Pemerintah resmi menetapkan usia pensiun pekerja menjadi 59 tahun yang dipunyai sebelum 58 tahun. Aturan ini tercantum dalam Peraturan Pemerintah (PP) Pasal 15 ayat (3) PP dengan Nomor 45 Tahun 2015 tentang Pelaksanaan Program Jaminan Pensiun.
Direktur Ekonomi dari Center of Economic and Law Studies (CELIOS), Nailul Huda berpendapat bahwa pelaksanaan kebijakan ini akan menguntungkan pemerintah karena mereka dapat memanfaatkan dana yang dipimpin oleh BPJS Ketenagakerjaan untuk membeli SBN atau Hutang Pemerintah.
Nailuh menjelaskan kebijakan menaikkan usia pensiun ini sangat terkait dengan penagihan dana jaminan hari tua dan pensiun oleh pemerintah kepada pekerja.
Dengan kata lain, pemerintah mendapat waktu yang lebih lama untuk mengelola uang investasi dari peserta BPJS Ketenagakerjaan.
Meskipun demikian, dia menonjolkan bahwa APBN sebenarnya tidak akan berpengaruh jika investasinya dikelola dengan baik karena memang uang yang berasal dari pekerja yang dikumpulkan oleh BPJS Ketenagakerjaan untuk diinvestasikan di beberapa instrumen investasi.
Sisi lainnya, ia melihat peningkatan ambang batas pensiun ini akan menjadi poin baru masalah di sektor kecil karyawan.
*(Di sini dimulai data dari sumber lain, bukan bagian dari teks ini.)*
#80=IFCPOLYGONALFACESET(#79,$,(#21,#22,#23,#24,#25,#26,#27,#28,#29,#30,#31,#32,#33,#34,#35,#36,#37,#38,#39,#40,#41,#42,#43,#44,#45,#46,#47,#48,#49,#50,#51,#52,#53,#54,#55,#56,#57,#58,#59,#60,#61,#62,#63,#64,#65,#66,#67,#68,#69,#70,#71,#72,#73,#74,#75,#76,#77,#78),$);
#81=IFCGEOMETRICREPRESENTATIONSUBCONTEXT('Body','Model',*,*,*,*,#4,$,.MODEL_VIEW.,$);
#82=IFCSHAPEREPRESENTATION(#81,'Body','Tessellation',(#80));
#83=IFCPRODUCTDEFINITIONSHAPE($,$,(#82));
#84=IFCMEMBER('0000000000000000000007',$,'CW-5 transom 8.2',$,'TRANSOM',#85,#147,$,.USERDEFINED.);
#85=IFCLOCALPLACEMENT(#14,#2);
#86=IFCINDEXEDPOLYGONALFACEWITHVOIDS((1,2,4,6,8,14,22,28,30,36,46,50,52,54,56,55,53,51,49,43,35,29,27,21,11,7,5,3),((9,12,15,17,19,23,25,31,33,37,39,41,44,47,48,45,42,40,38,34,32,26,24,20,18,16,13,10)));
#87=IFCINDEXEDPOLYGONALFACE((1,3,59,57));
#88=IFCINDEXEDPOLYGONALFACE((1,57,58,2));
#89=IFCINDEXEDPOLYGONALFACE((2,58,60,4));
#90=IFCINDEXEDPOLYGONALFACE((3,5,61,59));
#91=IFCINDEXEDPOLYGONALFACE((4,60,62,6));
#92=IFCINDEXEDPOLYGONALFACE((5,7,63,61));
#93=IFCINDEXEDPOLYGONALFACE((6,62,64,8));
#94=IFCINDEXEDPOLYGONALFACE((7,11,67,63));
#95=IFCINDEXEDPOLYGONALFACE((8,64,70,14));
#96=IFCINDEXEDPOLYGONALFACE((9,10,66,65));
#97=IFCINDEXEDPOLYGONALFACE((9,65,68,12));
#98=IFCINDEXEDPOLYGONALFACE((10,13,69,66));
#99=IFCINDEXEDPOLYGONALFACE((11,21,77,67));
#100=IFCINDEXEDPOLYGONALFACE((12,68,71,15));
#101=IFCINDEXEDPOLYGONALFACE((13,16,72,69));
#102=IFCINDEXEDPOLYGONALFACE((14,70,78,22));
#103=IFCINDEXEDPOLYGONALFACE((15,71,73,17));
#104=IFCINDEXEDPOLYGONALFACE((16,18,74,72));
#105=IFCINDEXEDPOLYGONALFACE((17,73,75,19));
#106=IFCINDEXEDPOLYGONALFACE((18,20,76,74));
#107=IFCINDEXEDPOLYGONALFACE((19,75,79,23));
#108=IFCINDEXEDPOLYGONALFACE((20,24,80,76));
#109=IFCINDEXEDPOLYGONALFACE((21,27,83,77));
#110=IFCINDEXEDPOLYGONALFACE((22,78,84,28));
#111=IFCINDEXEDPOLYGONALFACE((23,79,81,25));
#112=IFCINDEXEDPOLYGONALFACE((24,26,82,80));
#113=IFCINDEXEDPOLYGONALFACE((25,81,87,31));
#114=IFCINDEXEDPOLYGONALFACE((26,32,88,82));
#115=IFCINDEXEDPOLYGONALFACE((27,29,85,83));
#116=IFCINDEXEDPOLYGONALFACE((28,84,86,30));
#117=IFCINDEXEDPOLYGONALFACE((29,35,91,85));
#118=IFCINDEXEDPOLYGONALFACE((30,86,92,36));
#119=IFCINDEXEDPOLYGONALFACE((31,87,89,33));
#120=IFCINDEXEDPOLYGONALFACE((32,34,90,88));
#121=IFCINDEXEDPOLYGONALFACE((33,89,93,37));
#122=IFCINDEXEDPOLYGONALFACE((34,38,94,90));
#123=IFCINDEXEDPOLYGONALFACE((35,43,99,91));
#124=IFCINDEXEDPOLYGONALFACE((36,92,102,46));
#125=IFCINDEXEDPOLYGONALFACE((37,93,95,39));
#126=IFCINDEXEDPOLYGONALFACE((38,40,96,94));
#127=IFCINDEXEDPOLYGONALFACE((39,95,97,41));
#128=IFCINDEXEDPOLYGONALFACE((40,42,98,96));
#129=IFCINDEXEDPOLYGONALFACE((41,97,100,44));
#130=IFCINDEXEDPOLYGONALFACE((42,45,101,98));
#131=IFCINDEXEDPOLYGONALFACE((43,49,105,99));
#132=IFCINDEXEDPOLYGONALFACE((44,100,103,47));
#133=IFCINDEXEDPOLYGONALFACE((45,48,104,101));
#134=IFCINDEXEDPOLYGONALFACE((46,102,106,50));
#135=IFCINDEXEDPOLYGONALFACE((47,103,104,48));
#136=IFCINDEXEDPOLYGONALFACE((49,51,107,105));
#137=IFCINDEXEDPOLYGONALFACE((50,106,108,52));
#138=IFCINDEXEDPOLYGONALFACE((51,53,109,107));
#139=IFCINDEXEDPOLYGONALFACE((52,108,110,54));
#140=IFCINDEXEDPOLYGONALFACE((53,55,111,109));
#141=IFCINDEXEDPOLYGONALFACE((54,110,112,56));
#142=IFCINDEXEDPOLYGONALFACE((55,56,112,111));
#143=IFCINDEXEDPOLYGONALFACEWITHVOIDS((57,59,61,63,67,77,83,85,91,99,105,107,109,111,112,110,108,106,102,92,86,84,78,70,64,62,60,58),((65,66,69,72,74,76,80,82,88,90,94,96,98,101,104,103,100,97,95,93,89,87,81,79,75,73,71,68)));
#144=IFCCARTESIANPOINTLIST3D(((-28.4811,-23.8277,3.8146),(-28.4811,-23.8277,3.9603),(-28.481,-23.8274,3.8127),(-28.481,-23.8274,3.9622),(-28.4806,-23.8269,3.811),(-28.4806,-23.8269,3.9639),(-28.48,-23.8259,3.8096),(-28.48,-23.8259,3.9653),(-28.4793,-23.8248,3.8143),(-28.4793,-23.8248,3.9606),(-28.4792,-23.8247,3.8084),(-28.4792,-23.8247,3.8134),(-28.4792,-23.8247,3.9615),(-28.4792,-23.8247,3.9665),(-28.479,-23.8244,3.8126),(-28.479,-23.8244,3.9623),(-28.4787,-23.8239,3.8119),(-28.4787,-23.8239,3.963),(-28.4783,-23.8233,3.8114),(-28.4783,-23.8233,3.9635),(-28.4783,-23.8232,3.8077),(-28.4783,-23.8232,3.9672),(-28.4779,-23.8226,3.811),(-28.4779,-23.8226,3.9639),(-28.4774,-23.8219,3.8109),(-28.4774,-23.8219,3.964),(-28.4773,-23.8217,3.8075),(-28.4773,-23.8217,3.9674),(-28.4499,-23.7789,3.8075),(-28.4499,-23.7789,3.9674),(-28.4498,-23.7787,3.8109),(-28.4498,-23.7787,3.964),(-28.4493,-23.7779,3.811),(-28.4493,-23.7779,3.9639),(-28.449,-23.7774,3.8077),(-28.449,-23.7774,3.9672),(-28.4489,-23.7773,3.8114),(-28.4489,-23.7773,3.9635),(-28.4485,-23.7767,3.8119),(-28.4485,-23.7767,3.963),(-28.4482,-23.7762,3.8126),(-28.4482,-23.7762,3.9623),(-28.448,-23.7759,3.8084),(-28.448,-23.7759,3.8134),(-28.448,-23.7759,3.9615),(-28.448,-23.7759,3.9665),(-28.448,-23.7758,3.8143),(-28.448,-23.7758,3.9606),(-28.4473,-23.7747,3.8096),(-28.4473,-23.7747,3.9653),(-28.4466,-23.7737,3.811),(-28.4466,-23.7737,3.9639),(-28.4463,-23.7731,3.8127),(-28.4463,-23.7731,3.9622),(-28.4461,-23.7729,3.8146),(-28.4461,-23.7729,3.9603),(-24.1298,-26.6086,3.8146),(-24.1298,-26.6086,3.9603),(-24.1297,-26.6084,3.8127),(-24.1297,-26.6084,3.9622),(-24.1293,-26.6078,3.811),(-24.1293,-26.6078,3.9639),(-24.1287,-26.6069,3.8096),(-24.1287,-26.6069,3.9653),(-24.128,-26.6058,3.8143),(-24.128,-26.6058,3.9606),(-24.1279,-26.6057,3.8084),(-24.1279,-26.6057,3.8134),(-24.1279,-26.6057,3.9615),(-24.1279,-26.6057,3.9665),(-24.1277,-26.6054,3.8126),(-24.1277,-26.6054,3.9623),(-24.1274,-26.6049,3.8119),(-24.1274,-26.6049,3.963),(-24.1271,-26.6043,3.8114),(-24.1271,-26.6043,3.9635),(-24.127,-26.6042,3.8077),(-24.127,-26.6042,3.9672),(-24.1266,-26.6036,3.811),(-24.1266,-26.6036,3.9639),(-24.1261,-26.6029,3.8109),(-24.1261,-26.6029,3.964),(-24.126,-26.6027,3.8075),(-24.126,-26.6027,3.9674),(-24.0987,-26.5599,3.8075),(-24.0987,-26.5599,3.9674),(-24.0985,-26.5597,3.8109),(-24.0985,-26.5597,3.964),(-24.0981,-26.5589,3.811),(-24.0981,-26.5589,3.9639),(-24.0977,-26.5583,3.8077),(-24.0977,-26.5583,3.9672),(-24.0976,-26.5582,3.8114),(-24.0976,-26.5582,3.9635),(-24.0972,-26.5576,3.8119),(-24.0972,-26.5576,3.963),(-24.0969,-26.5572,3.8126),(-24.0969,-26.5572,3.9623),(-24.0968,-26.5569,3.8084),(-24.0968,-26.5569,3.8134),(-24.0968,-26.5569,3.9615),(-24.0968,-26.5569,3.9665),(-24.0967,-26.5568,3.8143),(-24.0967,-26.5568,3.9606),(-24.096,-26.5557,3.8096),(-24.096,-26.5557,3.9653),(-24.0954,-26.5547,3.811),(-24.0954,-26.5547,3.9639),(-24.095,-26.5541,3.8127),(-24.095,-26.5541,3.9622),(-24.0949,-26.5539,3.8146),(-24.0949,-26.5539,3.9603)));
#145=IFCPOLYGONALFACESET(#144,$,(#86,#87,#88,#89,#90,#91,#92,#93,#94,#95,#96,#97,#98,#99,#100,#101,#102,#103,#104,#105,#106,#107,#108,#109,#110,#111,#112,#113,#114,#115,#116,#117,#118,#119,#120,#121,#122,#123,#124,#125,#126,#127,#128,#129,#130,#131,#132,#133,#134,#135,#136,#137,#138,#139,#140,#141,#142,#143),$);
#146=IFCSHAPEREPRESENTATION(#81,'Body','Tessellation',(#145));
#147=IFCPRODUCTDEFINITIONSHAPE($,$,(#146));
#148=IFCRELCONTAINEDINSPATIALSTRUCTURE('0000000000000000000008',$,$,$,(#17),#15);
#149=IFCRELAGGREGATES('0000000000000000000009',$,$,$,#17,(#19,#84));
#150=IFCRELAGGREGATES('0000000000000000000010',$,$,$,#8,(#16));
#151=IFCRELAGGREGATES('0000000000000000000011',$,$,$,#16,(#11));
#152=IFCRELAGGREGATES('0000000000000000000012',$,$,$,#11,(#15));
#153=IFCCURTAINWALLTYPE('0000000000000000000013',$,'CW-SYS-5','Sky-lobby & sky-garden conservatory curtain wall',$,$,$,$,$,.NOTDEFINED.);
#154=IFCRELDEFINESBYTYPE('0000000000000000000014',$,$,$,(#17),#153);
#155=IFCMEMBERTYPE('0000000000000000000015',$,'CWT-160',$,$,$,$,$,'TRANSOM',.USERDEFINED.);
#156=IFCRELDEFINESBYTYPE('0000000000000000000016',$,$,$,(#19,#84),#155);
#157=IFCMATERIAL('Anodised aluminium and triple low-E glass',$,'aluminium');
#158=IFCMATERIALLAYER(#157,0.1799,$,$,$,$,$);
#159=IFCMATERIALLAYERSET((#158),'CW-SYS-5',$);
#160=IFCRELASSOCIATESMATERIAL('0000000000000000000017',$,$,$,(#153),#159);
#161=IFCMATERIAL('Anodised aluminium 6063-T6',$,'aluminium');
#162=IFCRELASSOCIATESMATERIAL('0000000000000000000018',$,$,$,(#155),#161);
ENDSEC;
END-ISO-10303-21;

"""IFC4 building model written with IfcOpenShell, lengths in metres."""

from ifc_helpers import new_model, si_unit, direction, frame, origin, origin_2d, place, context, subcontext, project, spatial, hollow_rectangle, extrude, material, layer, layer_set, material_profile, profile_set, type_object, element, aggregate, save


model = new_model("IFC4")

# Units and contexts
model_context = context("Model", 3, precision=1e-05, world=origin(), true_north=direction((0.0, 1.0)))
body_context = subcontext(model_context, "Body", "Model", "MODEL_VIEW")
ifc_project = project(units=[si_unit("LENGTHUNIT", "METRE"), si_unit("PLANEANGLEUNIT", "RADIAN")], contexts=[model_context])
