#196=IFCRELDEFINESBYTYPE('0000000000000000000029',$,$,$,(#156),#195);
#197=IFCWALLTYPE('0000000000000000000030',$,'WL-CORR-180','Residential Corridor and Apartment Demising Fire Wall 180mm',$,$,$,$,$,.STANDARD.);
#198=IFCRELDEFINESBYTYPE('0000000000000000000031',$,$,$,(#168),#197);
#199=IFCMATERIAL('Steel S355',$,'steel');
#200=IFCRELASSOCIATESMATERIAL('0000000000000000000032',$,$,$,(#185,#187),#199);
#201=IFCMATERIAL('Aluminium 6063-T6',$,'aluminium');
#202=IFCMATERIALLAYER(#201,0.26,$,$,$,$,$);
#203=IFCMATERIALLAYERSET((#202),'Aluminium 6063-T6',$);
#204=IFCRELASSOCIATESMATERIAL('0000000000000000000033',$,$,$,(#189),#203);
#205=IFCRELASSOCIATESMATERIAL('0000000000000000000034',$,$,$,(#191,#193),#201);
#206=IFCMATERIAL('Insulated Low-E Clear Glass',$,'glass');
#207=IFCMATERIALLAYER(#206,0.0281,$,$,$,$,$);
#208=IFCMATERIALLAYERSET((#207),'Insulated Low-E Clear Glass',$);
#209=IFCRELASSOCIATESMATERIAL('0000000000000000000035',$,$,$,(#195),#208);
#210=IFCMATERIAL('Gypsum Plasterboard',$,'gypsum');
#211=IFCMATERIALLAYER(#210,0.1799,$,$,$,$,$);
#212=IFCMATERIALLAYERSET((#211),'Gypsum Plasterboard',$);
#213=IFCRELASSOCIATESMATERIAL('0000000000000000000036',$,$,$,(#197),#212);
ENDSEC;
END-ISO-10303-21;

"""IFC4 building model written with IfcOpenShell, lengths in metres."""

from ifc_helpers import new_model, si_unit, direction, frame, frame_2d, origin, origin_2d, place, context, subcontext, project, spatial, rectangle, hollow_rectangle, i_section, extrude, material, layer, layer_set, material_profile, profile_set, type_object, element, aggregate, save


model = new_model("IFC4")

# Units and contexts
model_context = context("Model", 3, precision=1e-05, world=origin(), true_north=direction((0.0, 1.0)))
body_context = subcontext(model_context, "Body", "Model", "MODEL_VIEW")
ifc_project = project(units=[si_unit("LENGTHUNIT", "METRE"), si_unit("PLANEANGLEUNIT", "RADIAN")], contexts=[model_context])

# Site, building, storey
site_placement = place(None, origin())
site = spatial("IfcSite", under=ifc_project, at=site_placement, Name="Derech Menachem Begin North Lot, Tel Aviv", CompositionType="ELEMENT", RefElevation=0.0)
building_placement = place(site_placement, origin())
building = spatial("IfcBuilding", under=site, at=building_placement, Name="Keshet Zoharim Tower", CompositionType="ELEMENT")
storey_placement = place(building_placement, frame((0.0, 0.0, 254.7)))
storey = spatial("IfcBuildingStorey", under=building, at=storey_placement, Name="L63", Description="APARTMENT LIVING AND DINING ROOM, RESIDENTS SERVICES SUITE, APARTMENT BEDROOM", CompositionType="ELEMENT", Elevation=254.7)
Dia mengatakan, dengan semakin menambahnya jumlah lulusan tiap tahunnya, maka made menjadi semakin sulit untuk digabungkan dengan industri jika tidak ada pergantian tenaga kerja.
“Sekaligus menempuh lalu lintas jarang yang satu tahun hanya dapat mengantarkan 30 kali,”lmusyawarah yang dilakukan di Denton pada Minggu kemarin.
Selain itu, produktivitas pekerja semua jenis pada usia pensiun juga akan dikurangi. Ketika tidak ada lagi investasi yang masuk dan tidak ada perusahaan yang berkembang, pada akhirnya pertumbuhan ekonomi secara agregat akan terbatas.
Nailul menekankan produktivitas pekerja usia tua tidak bisa diabaikan secara pasti akan terus menurun, terutama untuk tugas yang membutuhkan fisik prima. Sedangkan generasi kerja usia muda tidak dapat memenuhi kebutuhan industri.
“Bahwa pada akhirnya akan melambatkan pertumbuhan ekonomi lebih tinggi,” jelasnya.
Salah satu hal lainnya, dari sudut pandang pekerja, menanggapi masalahnya adalah adanya waktu tunggu yang lebih lama untuk menikmati jaminan pensiun setelah masa pensiun. Hal ini disebabkan karena pensiun pekerja ditentukan oleh perjanjian kerja dengan kemungkinan usia yang lebih rendah dari yang dicanangkan oleh BPJS Ketenagakerjaan.
“Pemerintah harus memperhatikan jeda waktu tunggunya. Bagaimana pegawai memenuhi kebutuhannya saat masa penantian tersebut,” tegasnya.